No, it was unavailable until several weeks from now. So, I opted for the Sony. It lacks the ability to pull in the wireless downloads, but it has a bit more of the features I thought that my wife would prefer.


----------



## fredtgreco (Dec 27, 2008)

What features? I am seriously considering a Kindle (or eBook reader) to increase my reading time.


----------



## PresbyDane (Dec 28, 2008)

I will now prove my ignorance, what excactly is an e-book reader and what does it do, I think I can guess but would like it verified.


----------



## Scynne (Dec 29, 2008)

Martin Marsh said:


> I will now prove my ignorance, what excactly is an e-book reader and what does it do, I think I can guess but would like it verified.

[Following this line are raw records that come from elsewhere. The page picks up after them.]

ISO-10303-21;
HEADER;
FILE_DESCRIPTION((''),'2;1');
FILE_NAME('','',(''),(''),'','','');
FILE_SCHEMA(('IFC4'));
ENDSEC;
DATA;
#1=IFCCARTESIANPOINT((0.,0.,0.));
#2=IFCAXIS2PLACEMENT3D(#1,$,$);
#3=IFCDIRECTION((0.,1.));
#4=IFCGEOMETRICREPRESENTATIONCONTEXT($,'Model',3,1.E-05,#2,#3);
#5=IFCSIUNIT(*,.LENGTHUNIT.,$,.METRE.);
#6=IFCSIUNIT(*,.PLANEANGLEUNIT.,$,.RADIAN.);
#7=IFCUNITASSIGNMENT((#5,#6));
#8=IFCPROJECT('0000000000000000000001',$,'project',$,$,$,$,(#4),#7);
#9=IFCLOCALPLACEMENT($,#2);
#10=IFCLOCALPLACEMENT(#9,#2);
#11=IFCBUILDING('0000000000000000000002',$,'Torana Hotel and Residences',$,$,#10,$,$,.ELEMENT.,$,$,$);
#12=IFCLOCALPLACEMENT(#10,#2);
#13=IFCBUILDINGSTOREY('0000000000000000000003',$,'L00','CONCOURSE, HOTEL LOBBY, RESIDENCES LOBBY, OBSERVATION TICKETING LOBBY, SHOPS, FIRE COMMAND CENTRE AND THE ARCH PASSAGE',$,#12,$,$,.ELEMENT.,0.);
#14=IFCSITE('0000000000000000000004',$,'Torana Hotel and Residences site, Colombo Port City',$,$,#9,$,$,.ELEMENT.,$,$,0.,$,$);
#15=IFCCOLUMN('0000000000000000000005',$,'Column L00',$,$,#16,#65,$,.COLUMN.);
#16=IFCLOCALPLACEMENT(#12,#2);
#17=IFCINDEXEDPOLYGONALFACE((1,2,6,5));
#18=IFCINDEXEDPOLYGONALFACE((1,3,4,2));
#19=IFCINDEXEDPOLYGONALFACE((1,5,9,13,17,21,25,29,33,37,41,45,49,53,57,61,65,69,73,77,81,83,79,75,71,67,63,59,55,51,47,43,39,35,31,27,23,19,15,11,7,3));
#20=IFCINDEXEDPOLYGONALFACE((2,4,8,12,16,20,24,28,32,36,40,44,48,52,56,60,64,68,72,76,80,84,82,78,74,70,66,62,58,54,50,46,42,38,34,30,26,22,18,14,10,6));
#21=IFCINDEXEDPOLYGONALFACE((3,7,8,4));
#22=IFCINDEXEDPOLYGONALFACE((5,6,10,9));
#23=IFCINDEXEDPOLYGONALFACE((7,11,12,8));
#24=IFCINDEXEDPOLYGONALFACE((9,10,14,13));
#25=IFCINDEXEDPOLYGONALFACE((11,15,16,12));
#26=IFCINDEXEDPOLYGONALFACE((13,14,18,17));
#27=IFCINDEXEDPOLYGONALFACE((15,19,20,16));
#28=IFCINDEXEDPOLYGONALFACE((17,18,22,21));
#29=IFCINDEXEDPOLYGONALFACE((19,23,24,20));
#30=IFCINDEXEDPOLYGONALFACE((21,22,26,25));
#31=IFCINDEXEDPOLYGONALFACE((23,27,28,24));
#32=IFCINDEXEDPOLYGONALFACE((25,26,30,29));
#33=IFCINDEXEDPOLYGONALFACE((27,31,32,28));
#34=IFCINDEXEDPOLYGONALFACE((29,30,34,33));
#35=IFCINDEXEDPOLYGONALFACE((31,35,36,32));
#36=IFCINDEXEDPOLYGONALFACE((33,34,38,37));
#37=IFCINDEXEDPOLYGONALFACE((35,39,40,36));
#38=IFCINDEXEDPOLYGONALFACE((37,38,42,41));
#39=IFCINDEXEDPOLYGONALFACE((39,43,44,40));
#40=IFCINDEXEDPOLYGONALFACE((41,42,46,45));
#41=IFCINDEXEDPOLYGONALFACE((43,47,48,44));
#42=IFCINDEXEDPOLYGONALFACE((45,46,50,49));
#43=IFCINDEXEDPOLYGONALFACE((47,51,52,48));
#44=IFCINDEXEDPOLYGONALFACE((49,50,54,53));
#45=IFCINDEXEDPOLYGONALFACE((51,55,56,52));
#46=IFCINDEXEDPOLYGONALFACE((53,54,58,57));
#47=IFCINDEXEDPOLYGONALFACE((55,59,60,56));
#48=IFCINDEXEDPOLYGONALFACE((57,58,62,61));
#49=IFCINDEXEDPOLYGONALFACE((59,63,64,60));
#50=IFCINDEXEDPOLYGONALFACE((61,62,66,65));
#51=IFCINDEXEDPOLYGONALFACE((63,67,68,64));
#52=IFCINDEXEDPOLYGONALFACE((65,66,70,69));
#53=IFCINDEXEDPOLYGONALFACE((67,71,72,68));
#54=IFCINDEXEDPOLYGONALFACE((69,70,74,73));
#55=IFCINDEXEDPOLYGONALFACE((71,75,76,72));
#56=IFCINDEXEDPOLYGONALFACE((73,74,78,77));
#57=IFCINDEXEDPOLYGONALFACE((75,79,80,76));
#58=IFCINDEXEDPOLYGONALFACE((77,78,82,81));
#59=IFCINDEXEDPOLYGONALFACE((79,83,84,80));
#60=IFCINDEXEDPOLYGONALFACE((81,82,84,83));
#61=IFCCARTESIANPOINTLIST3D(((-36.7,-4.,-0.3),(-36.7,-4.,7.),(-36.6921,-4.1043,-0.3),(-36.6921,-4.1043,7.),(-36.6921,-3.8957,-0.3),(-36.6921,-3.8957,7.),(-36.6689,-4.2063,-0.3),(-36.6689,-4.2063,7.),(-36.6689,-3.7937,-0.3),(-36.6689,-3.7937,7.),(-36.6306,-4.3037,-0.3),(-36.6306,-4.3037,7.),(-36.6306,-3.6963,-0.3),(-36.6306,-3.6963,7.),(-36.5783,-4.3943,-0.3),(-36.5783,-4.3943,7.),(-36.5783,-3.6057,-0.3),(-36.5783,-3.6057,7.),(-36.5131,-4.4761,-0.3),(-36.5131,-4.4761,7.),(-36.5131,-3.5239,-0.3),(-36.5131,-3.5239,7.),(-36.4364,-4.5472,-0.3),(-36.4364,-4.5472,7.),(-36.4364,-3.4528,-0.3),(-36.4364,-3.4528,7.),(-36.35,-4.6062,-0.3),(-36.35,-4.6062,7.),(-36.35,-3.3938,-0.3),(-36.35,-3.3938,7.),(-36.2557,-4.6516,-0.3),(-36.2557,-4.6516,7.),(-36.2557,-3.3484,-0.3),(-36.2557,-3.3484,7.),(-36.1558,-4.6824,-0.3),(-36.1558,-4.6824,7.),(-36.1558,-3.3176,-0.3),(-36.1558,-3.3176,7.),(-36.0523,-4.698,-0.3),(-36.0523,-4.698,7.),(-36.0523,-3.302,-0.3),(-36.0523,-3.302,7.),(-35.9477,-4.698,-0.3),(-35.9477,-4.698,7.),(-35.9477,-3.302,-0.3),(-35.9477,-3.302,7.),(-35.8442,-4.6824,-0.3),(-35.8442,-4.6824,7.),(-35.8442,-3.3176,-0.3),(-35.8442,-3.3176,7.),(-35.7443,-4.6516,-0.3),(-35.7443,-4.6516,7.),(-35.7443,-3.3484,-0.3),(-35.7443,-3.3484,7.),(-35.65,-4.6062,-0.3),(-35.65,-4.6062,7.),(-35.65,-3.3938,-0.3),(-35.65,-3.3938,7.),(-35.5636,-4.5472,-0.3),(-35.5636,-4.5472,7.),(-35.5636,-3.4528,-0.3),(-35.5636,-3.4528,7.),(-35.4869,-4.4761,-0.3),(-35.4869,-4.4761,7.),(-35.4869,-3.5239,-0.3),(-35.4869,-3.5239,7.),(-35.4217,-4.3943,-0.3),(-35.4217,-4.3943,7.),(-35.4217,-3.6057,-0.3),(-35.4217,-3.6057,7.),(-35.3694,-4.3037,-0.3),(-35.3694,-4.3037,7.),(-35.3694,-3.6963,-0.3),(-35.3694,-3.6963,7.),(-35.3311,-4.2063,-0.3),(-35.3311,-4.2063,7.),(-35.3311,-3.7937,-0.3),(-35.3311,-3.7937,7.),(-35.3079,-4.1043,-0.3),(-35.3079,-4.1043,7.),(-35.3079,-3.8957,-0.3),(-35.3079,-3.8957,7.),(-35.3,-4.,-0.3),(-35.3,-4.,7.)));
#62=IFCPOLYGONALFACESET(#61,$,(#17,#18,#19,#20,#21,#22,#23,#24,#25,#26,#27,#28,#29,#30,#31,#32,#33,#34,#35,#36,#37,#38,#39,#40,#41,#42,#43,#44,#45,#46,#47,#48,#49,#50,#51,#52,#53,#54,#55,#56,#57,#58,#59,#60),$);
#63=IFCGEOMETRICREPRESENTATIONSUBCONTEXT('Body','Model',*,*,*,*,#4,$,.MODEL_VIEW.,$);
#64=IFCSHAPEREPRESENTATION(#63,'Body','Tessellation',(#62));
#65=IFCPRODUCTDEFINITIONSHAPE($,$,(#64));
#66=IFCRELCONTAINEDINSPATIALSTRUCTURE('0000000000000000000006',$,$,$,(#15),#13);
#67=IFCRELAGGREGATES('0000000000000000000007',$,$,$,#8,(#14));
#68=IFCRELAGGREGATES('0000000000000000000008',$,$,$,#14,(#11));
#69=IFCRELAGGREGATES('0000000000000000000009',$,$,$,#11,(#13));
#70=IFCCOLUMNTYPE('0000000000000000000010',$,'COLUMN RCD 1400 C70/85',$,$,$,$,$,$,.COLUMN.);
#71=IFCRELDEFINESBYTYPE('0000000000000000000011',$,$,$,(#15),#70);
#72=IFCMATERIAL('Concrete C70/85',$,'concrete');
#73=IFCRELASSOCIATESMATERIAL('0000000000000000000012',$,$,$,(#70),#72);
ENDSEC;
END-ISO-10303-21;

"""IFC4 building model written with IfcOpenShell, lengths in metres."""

from ifc_helpers import new_model, si_unit, direction, frame, origin, origin_2d, place, context, subcontext, project, spatial, circle, extrude, material, material_profile, profile_set, type_object, element, save


model = new_model("IFC4")

# Units and contexts
model_context = context("Model", 3, precision=1e-05, world=origin(), true_north=direction((0.0, 1.0)))
body_context = subcontext(model_context, "Body", "Model", "MODEL_VIEW")
ifc_project = project(units=[si_unit("LENGTHUNIT", "METRE"), si_unit("PLANEANGLEUNIT", "RADIAN")], contexts=[model_context])

# Site, building, storey
site_placement = place(None, origin())
site = spatial("IfcSite", under=ifc_project, at=site_placement, Name="Torana Hotel and Residences site, Colombo Port City", CompositionType="ELEMENT", RefElevation=0.0)
building_placement = place(site_placement, origin())
building = spatial("IfcBuilding", under=site, at=building_placement, Name="Torana Hotel and Residences", CompositionType="ELEMENT")
storey_placement = place(building_placement, origin())
storey = spatial("IfcBuildingStorey", under=building, at=storey_placement, Name="L00", Description="CONCOURSE, HOTEL LOBBY, RESIDENCES LOBBY, OBSERVATION TICKETING LOBBY, SHOPS, FIRE COMMAND CENTRE AND THE ARCH PASSAGE", CompositionType="ELEMENT", Elevation=0.0)

# Column
ifc_material_1 = material(Name="Concrete C70/85", Category="concrete")
ifc_material_profile = material_profile(ifc_material_1, circle(Radius=0.7, at=origin_2d()), Name="RCD 1400")
ifc_profile_set = profile_set([ifc_material_profile], Name="Concrete C70/85")
column_type = type_object("IfcColumnType", Name="COLUMN RCD 1400 C70/85", PredefinedType="COLUMN", material=ifc_profile_set)
column_placement = place(storey_placement, frame((-36.0, -4.0, -0.3), z_axis=(0.0, 0.0, 1.0), x_axis=(1.0, 0.0, 0.0)))
element("IfcColumn", 1, at=column_placement, inside=storey, type_object=column_type, Name="Column L00", PredefinedType="COLUMN", context=body_context, shape_type="SweptSolid", body=[
    extrude(circle(Radius=0.7, at=origin_2d()), origin(), (0.0, 0.0, 1.0), 7.3),
])

save(model, "model.ifc")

I assure you, it's not a very hard guess to make. It is an electronic thingie-mahoozit that reads text data of some sort or other. What it ammounts to is a palm-pilot/pocket pc that can only read and display text, with a bigger screen. But, it handily stores hundreds of books in one, small space.


----------



## PresbyDane (Dec 29, 2008)

Thank you !


----------



## Scynne (Dec 30, 2008)

Y'know, after answering that question, I decided to learn *EVERYTHING I COULD* about e-book readers (it's a rather OCD characteristic of mine). After researching them for around five hours straight, I decided that I have both a desire and a need for one. So, continuing in the theme of the OP, I would like to ask advice on e-book readers.
Dennis: Does your wife enjoy her new Sony? Did you get the 505 or the 700 model?
Other PB'ers: Do you own, or know somebody who owns an e-book reader of some sort (preferably not the Kindle as it is only available in the USA)?

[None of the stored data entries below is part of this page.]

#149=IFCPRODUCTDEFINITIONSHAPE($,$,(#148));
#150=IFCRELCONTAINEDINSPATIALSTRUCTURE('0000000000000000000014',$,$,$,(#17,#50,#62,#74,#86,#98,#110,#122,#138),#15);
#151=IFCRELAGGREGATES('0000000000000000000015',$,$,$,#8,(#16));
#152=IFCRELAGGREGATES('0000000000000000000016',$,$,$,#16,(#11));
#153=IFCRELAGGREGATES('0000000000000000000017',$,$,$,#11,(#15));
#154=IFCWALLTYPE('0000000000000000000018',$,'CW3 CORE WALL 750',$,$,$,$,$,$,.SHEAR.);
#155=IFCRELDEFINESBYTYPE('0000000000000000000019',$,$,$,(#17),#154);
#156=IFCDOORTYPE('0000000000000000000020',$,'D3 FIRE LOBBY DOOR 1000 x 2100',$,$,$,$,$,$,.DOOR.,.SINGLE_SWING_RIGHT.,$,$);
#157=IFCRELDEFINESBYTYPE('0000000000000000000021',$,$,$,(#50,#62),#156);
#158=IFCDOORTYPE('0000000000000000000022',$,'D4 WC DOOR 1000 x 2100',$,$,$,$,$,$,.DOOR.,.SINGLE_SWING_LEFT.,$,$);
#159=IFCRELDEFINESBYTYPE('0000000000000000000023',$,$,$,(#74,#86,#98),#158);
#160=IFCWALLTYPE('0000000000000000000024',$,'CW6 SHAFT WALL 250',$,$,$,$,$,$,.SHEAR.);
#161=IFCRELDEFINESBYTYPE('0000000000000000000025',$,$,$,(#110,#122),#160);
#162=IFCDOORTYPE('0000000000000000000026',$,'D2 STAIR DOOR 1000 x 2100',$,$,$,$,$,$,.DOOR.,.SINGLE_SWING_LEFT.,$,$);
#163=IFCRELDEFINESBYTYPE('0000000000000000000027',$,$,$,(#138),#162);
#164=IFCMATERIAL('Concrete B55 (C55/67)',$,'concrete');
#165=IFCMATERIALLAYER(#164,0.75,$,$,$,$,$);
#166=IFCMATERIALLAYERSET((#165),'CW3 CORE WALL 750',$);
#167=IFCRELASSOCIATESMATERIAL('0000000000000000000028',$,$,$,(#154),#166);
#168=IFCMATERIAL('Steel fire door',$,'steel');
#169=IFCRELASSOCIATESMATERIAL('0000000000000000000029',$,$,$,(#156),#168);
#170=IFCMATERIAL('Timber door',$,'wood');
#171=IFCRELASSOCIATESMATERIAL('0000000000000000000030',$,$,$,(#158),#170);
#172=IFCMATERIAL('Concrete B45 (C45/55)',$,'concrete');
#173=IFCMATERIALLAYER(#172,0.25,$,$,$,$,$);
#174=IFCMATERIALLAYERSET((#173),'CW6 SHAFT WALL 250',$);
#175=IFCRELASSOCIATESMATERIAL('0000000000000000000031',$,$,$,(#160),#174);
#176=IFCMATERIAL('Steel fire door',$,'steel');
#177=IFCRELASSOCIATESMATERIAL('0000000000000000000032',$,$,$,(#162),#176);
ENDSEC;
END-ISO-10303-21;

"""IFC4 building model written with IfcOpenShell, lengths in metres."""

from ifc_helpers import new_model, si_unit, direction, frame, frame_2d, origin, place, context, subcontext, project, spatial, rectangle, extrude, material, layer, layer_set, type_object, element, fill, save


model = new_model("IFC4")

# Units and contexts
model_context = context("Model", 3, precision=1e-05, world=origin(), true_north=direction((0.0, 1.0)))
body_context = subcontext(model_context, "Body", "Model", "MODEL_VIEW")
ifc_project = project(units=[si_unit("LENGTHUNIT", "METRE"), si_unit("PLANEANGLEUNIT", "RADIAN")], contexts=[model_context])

I simply must learn more about these little devices


----------



## PresbyDane (Dec 30, 2008)

Sorry about leading you ointo spending (evil)


----------



## Scynne (Dec 30, 2008)

Martin Marsh said:


> Sorry about leading you ointo spending (evil)



I certainly wouldn't call it coveting, and considering the money one would save on e-books (much cheaper than paper books) it would all ballance out. Either way, I led myself into this one, brother


----------